In ancient days named Edintona, then Eddintone. The village lay within the Anglo-Saxon administrative division of Wallington hundred. Addington is thought to be named after Edda, a Saxon. In the Domesday Book, two manors are mentioned, linked with the names Godric and Osward.
Addington Place, later known as Addington Farm and now called Addington Palace, dominates the village above the church of St Mary the Blessed Virgin Church and The Cricketers pub. The manor house was situated behind the church and was the residence of the Leigh family. From this Leigh family, Patricia Knatchbull, 2nd Countess Mountbatten of Burma is believed to be descended. There is an oft repeated, but false account of a royal hunting lodge, "where King Henry VIII supposedly wooed Anne Boleyn, whose family owned nearby Wickham Court" by West Wickham Parish Church. However, the Anne Boleyn of Wickham Court was the aunt of Queen Anne.

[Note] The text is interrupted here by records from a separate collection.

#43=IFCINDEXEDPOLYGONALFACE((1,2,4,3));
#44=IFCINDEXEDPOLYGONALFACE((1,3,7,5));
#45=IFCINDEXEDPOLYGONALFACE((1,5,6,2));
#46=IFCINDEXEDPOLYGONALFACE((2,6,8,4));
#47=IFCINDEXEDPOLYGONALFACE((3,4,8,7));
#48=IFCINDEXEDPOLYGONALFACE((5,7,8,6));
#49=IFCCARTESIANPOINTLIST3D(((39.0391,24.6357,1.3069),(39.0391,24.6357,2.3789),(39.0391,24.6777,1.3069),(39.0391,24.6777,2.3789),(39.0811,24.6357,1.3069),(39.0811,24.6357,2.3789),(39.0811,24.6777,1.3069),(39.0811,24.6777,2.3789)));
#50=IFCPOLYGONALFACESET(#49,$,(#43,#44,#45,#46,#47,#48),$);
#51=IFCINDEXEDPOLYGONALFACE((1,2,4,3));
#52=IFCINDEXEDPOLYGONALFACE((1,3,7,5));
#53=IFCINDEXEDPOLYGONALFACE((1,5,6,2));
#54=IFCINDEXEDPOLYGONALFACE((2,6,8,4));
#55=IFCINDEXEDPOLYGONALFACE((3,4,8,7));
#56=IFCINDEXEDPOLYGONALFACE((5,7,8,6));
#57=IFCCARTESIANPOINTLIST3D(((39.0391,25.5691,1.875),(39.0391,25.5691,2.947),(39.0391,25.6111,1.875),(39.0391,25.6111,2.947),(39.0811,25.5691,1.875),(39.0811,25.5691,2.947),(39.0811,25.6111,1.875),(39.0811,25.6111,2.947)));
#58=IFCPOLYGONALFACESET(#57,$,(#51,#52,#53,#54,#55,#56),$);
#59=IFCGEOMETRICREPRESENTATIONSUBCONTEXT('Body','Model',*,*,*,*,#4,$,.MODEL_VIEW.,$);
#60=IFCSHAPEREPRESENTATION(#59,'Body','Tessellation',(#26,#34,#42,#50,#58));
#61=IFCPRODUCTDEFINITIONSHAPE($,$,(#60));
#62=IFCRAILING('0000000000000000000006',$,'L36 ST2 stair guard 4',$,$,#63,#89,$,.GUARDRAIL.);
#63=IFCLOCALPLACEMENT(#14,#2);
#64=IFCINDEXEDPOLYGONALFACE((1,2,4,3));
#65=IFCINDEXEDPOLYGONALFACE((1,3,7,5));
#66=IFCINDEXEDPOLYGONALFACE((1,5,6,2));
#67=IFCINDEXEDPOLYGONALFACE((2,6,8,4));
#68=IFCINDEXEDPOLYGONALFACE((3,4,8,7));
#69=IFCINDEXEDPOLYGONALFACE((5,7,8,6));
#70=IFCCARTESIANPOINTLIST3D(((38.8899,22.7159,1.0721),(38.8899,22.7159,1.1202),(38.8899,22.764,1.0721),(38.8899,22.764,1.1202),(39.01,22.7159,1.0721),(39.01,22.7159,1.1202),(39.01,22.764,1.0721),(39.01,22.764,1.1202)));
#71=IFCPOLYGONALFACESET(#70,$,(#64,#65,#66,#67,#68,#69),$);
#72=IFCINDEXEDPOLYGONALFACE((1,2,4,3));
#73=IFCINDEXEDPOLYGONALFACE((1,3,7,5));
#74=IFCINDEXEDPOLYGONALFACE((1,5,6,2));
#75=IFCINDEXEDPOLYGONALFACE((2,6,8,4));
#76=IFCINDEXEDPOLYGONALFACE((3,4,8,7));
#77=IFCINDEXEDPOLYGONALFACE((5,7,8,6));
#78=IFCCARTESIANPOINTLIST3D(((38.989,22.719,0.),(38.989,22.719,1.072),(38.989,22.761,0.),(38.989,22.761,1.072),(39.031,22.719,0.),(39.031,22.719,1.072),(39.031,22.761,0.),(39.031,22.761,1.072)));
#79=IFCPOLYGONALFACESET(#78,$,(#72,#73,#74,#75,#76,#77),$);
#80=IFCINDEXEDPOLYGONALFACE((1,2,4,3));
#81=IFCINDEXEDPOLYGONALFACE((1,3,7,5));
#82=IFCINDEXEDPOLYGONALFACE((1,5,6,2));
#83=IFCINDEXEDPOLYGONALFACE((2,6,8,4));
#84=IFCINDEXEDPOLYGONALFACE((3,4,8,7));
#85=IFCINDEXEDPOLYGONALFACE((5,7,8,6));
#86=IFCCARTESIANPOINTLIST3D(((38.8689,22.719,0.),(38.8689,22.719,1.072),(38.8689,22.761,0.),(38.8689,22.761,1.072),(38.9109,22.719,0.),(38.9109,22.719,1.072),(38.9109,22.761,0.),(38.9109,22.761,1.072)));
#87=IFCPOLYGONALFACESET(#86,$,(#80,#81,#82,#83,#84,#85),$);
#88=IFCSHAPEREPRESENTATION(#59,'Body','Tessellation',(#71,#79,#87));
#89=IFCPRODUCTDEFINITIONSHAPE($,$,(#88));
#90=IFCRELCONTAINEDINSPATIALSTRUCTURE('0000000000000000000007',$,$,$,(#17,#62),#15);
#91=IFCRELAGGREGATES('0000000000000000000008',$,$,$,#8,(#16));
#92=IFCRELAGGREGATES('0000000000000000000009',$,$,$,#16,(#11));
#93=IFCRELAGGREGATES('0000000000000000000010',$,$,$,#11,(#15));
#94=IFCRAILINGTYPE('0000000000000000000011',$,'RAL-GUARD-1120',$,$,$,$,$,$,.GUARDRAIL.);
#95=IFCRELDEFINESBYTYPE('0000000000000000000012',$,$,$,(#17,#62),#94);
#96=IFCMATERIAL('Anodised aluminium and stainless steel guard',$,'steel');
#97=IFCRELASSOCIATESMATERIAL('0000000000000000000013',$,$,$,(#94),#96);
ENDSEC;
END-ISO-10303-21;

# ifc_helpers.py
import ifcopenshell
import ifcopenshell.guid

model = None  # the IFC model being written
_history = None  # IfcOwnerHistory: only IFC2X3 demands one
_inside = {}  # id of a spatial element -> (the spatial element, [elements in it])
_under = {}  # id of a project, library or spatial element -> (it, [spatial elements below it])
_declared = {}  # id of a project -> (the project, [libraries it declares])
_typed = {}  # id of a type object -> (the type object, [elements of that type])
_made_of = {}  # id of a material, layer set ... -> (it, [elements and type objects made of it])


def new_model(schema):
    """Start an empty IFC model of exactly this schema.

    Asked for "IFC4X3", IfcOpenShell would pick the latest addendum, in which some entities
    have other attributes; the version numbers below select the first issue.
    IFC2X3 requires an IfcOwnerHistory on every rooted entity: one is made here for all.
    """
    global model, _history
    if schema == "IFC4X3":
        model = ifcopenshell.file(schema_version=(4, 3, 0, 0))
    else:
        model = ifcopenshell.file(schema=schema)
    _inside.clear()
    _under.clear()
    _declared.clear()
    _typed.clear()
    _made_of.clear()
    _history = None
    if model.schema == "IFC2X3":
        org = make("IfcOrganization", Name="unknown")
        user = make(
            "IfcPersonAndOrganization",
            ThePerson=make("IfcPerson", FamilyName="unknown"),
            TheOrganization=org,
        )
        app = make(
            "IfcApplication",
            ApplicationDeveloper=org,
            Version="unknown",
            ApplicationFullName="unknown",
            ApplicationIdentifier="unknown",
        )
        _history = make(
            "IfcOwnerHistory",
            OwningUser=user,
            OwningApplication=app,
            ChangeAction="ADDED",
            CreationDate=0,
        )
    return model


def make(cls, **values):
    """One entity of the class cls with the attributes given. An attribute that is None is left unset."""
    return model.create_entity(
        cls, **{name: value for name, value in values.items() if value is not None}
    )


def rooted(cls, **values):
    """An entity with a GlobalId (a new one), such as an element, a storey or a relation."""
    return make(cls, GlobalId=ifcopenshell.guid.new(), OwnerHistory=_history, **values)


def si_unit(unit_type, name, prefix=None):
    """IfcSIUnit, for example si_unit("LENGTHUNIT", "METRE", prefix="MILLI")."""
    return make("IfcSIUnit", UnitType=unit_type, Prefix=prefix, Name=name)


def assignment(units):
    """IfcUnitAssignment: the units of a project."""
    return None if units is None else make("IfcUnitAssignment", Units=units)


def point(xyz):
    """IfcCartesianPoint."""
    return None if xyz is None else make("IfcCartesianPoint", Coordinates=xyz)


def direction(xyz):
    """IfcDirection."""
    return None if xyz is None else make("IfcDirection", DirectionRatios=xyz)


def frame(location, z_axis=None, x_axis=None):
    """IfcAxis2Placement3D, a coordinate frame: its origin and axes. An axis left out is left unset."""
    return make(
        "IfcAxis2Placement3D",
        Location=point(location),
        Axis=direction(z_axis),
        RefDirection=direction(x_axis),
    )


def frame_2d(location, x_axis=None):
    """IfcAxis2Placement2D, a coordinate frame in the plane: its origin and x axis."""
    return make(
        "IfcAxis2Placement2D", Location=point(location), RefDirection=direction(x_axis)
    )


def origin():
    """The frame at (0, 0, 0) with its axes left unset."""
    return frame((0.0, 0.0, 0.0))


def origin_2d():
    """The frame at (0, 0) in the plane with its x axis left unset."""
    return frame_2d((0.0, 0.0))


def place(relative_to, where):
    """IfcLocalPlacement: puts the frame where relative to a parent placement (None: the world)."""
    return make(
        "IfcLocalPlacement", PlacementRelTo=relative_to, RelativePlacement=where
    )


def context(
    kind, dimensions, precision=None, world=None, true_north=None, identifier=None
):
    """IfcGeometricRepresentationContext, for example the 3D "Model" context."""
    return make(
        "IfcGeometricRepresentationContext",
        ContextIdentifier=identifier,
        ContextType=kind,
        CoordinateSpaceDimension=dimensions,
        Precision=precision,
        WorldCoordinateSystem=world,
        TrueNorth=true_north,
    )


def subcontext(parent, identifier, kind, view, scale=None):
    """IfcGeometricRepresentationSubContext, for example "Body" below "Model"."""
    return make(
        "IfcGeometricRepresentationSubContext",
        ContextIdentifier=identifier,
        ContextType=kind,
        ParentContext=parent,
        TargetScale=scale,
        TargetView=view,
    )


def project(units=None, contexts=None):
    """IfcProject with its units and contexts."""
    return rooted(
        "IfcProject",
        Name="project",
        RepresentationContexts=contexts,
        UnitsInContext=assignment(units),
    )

The Palladian mansion was built in the mid-18th century by Barlow Trecothick, from Boston, Massachusetts in the United States, who returned to England and became an MP and Lord Mayor of the City of London in 1770. After his death without heirs, his nephew James Ivers (later Trecothick), also of Boston, continued his uncle's work and had the grounds laid out by Lancelot Brown. The estate was sold and eventually, as Croydon Palace became too inconvenient and unsanitary, the Addington house and part of the estate was bought for the Archbishops of Canterbury as a country residence. The last Archbishop to use it was Archbishop Benson.